Philosophical problem
It is wrong to cling to outdated assumptions of information scarcity, exactitude, and causality when a new paradigm of abundance, messiness, and correlation offers deeper understanding.
The plan
- Recognize the three shifts: use more data (N=all), embrace messiness, and favor correlation.
- Adopt a big-data mindset: see latent value in data and imagine novel reuses.
- Position yourself or your organization within the data value chain (data, skills, or ideas).
- Collect data with extensibility and option value in mind.
- Establish governance through accountability, protecting human agency, and expert oversight.
Success
- You extract new value and insight from data others discard or overlook.

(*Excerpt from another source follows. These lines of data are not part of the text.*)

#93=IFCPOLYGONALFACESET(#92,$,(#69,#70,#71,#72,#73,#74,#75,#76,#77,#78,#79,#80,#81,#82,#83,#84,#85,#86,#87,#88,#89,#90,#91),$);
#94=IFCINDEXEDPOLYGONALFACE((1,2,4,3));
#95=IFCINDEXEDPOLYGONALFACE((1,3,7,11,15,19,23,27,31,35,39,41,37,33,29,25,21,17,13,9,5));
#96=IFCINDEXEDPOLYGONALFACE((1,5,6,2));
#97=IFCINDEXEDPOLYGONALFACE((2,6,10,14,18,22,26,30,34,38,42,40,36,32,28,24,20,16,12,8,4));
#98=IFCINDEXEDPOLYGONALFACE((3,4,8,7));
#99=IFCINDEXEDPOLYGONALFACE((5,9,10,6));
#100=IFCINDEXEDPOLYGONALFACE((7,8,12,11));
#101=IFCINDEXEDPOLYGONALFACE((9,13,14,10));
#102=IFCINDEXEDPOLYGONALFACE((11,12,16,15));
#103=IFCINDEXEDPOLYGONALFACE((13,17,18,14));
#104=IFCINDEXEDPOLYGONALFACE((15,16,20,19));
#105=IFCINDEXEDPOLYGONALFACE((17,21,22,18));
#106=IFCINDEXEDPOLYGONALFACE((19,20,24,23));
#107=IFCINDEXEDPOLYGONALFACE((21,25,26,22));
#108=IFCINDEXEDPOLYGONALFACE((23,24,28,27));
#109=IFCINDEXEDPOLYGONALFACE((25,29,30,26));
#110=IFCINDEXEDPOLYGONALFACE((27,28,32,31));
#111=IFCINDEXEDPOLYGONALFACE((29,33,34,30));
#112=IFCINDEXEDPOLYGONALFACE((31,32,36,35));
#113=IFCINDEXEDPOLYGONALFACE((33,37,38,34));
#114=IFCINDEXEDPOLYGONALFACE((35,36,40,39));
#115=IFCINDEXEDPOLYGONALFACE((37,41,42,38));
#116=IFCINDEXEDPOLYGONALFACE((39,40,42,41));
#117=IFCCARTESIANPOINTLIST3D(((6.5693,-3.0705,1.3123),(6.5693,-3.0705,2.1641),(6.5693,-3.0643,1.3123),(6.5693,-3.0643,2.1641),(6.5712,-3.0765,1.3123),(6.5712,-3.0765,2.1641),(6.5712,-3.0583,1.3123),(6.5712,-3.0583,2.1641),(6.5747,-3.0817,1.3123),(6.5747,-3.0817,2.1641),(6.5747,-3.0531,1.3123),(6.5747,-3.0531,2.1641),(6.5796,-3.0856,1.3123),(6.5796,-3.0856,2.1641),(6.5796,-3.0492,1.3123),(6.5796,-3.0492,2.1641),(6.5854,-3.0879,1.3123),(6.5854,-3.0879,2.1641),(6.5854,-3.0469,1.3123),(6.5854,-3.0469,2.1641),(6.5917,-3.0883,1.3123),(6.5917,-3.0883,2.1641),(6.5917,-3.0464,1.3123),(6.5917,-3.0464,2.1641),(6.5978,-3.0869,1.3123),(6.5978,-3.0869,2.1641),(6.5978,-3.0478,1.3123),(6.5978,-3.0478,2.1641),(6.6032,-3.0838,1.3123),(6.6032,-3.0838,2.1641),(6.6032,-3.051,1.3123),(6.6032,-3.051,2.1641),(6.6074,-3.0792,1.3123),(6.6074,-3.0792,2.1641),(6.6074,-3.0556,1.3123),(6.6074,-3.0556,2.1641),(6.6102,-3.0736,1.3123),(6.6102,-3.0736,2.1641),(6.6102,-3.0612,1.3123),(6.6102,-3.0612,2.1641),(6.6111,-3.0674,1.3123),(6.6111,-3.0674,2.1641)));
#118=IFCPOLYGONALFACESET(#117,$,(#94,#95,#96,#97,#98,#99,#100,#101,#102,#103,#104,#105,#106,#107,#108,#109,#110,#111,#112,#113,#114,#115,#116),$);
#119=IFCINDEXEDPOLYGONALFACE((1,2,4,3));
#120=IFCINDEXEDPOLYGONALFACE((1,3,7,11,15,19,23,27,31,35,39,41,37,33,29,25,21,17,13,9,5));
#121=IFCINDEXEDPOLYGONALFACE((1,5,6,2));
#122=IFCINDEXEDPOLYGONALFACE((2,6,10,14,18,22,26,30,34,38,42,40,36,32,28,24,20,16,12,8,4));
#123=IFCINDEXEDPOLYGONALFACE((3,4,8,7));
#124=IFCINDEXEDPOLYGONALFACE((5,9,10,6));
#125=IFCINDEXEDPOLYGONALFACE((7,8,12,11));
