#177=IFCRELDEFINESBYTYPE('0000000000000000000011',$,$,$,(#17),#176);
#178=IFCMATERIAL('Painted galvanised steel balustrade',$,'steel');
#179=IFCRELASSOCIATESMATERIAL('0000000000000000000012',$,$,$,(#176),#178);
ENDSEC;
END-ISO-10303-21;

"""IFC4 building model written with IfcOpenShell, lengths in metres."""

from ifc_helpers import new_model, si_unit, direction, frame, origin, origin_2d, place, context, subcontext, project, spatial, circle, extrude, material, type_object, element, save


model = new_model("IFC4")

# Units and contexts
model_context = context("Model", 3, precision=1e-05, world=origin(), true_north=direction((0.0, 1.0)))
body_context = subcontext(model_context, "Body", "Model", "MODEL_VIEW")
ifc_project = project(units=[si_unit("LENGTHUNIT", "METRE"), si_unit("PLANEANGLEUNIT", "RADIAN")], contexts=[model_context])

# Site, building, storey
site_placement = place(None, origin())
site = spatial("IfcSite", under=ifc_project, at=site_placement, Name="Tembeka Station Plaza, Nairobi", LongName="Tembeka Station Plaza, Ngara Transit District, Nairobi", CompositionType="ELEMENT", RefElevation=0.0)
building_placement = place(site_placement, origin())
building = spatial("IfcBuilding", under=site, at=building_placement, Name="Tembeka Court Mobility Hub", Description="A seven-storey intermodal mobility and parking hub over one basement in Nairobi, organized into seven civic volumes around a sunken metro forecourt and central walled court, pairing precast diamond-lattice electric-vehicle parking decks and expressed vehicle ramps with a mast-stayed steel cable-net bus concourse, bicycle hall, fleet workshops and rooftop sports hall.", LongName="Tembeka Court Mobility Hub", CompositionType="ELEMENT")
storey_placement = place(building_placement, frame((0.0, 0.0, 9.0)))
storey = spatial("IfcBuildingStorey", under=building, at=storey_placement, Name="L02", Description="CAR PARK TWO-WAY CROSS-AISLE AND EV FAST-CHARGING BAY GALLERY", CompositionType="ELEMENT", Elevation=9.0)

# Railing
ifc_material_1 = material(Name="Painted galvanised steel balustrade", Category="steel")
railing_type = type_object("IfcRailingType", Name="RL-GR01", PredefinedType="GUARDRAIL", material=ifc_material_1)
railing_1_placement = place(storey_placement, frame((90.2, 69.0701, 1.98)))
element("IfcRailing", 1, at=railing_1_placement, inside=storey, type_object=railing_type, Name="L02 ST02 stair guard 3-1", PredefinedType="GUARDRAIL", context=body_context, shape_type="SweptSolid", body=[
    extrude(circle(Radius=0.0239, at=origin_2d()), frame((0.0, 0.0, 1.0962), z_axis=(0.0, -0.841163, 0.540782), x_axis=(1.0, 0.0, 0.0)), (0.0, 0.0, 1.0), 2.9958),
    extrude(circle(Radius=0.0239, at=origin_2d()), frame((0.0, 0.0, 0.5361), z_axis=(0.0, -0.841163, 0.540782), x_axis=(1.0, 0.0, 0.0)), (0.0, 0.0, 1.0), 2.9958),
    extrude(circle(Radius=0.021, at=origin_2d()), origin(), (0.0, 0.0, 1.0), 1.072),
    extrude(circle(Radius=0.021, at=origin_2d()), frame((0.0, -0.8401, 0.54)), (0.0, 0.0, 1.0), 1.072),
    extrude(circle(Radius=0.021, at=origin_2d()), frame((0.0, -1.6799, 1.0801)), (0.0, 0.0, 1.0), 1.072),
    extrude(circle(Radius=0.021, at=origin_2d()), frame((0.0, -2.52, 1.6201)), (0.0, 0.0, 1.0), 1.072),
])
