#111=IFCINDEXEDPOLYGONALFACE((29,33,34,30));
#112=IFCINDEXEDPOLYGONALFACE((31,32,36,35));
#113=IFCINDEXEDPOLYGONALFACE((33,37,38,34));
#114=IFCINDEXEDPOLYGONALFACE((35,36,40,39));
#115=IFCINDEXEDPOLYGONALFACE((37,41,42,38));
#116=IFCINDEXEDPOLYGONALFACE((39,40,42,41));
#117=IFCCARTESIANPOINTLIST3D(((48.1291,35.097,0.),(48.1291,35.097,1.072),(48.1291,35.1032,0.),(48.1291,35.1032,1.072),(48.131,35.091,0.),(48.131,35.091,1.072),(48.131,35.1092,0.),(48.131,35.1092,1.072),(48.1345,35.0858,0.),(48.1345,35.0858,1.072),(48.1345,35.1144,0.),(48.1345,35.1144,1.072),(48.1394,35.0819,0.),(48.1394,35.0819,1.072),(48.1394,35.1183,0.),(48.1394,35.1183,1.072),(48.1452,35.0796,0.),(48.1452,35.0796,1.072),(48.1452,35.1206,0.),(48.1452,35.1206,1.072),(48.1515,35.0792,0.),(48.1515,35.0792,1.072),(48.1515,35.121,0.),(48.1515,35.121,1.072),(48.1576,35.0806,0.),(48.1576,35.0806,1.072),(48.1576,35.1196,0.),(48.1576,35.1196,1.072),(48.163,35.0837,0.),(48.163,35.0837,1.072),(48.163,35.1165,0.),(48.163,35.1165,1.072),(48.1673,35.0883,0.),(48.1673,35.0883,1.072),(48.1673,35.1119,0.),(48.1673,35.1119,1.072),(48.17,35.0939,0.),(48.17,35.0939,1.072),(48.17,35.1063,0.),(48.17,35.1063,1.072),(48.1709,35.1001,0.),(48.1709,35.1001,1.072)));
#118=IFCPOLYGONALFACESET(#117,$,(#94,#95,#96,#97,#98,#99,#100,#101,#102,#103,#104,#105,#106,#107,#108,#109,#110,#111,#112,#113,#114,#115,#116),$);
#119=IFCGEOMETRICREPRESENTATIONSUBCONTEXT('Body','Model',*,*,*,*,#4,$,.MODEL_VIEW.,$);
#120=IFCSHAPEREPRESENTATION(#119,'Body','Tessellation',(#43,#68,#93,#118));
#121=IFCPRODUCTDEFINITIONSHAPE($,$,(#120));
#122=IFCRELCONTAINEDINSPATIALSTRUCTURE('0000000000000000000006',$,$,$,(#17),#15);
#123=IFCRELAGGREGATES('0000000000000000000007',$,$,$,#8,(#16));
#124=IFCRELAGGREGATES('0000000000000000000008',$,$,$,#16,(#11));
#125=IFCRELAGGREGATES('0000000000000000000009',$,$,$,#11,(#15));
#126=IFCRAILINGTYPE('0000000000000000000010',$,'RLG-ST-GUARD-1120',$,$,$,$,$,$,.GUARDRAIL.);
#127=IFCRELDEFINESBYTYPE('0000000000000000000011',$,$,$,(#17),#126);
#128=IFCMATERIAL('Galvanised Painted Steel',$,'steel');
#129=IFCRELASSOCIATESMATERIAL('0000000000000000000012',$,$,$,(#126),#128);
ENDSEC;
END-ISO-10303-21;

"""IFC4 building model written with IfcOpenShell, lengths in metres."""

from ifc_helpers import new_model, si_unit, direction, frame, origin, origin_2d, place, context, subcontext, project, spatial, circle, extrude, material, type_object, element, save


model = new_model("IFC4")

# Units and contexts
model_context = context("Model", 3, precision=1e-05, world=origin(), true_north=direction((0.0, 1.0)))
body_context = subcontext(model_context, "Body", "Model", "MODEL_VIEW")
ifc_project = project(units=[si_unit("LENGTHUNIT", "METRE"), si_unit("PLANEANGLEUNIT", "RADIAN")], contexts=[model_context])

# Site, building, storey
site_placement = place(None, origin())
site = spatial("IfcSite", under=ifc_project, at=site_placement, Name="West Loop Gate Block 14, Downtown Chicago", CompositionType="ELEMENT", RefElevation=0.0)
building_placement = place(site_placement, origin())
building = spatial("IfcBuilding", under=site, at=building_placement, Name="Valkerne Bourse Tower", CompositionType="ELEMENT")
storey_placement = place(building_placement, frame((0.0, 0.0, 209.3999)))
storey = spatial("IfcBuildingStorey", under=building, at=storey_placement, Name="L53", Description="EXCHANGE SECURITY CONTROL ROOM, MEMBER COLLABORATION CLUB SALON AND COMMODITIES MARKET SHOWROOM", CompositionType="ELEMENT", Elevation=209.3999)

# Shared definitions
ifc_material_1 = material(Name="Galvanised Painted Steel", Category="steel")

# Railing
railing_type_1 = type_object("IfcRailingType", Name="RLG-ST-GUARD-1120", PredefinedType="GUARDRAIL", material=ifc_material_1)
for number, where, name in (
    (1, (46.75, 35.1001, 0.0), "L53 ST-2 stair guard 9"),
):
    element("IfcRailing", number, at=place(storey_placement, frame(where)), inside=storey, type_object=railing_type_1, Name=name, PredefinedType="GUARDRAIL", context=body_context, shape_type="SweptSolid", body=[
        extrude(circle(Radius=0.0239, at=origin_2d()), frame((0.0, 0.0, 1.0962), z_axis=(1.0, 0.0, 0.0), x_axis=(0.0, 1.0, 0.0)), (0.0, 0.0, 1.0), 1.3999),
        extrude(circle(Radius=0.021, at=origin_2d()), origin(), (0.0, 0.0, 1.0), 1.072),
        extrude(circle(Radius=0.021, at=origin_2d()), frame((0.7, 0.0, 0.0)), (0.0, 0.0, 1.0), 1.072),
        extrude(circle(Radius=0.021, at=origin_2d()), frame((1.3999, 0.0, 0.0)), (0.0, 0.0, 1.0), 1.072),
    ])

- You make faster, better-informed decisions by letting data speak.
- You anticipate and prevent problems before they occur.
- You help build governance that captures big data's benefits while safeguarding privacy and freedom.
At stake
- You remain trapped in small-data thinking and miss enormous value.
- Competitors who master data outpace and displace you.
- Society drifts into a dictatorship of data, eroding privacy, free will, and justice.
- Predictive systems punish people for what they might do rather than what they have done.